There is a strong case for _Luonnotar_. I happen to really like his early string trio _Korpo _though to say it's objectively among his five finest might be going a bit far. Still, the greatest works are really to be found in the later symphonies - particualrly 4,6 and 7. Quite why anyone would list the tedious Violin Concerto among them is a mystery!


----------



## Andante Largo (Apr 23, 2020)

For sure *Symphony No. 7* and *Violin Concerto*, but as Sibelius is my favorite composer, I like many of his works, so I have a problem with choosing the other three works.

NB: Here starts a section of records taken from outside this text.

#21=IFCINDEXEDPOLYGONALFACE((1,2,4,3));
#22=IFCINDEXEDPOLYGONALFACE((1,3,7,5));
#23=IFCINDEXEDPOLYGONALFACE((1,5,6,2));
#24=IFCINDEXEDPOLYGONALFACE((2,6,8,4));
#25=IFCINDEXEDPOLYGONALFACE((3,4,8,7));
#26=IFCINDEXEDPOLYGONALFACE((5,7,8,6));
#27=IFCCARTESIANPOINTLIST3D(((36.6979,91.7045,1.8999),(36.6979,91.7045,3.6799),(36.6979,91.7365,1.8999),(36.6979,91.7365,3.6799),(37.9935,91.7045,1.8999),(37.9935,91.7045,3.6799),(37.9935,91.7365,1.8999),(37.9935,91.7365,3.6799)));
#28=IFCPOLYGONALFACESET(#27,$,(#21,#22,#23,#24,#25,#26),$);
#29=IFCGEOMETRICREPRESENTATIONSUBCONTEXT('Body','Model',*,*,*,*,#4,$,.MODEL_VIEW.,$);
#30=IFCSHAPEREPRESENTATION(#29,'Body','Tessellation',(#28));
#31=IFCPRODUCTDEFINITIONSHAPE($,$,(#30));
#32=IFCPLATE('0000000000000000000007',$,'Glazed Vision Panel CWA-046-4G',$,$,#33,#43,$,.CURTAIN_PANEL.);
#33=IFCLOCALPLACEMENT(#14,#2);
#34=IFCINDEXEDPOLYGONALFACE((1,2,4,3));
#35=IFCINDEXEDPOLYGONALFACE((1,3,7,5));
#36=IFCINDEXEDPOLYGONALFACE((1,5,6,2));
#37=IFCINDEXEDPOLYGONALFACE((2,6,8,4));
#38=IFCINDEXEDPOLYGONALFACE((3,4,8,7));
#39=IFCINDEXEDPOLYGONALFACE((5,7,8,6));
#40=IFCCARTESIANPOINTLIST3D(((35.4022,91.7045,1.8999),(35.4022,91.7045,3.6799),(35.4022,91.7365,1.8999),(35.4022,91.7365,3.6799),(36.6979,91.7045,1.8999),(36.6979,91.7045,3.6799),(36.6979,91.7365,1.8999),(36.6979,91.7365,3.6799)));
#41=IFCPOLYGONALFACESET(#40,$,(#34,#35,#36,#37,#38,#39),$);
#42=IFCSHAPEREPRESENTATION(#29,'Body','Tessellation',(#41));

List of my favorite works composed by Sibelius:

Piano Quintet in G minor, JS 159 (1890)
En Saga, Op. 9 (1892. rev. 1902)
The Wood-Nymph, Op. 15 (1895)
Spring Song, Op. 16 (1895)
Lemminkäinen Suite, Op. 22 (1895, rev. 1939)
Symphony No. 1 in E minor, Op. 39 (1899)
Malinconia for cello and piano, Op. 20 (1900)
Finlandia, Op. 26 (1900)
Symphony No. 2 in D major, Op. 43 (1902)
Violin Concerto in D minor, Op. 47 (1905)
Pohjola's Daughter, Op. 49 (1906)
Nightride and Sunrise, Op. 55 (1908)
Symphony No. 4 in A minor, Op. 63 (1911)
Rakastava, Op. 14 (1912)
Two Serenades for violin and orchestra, Op. 69 (1912)
The Oceanides, Op. 73 (1914)
Two Serious Melodies, Op. 77 (1914)
Symphony No. 5 in E-flat major, Op. 82 (1921)
Symphony No. 6 in D minor, Op. 104 (1923)
Symphony No. 7 in C major, Op. 105 (1924)
2 Pieces for Organ, Op.111 (1931)


----------



## justekaia (Jan 2, 2022)

Violin Concerto
Symphony 7
Pelleas et Mélisande
Tapiola
The Wood-Nymph


----------



## Kreisler jr (Apr 21, 2021)

dko22 said:


> Quite why anyone would list the tedious Violin Concerto among them is a mystery!


If one excludes a few short pieces like Finlandia and Valse triste I'd bet that the violin concerto has been the most popular Sibelius piece by a large margin at any time of the last 100 years.


----------



## dko22 (Jun 22, 2021)

exactly my point!


----------



## Cristian Lee (Aug 13, 2017)

En Saga
Symphony no. 1
Symphony no. 2
Violin Concerto
The Wood-Nymph


----------



## Beethoven123 (Nov 25, 2021)

Symphony #7, Tapiola, Violin Concerto, Symphony #3, Symphony #2 for me


----------



## Doublestring (Sep 3, 2014)

Violin Concerto
Finlandia
Kullervo
Lemminkäinen Suite
Piano Quintet in G minor, JS 159


----------



## Woodduck (Mar 17, 2014)

I chose symphonies #4, 5, 6 and 7, and _Tapiola._ I'd like to have added _Kullervo_, the _Violin Concerto_, and _The Swan of Tuonela._


----------



## Becca (Feb 5, 2015)

_Luonnotar_ most definitely!


----------



## Waehnen (Oct 31, 2021)

Kreisler jr said:


> I changed a vote from Lemminkäinen suite to "other", i.e. Luonnotar. I find this both haunting and highly original (like a tone poem with soprano) and one of the best works of an uneven composer. (Nevertheless I had forgotten about it last night maybe because it was not a direct option)
> Other votes went to symphonies 4, 5, 7 and "The Oceanides"; the latter may not be the greatest of tone poems but it shows an "impressionist" side of the composer mostly absent in his more austere works.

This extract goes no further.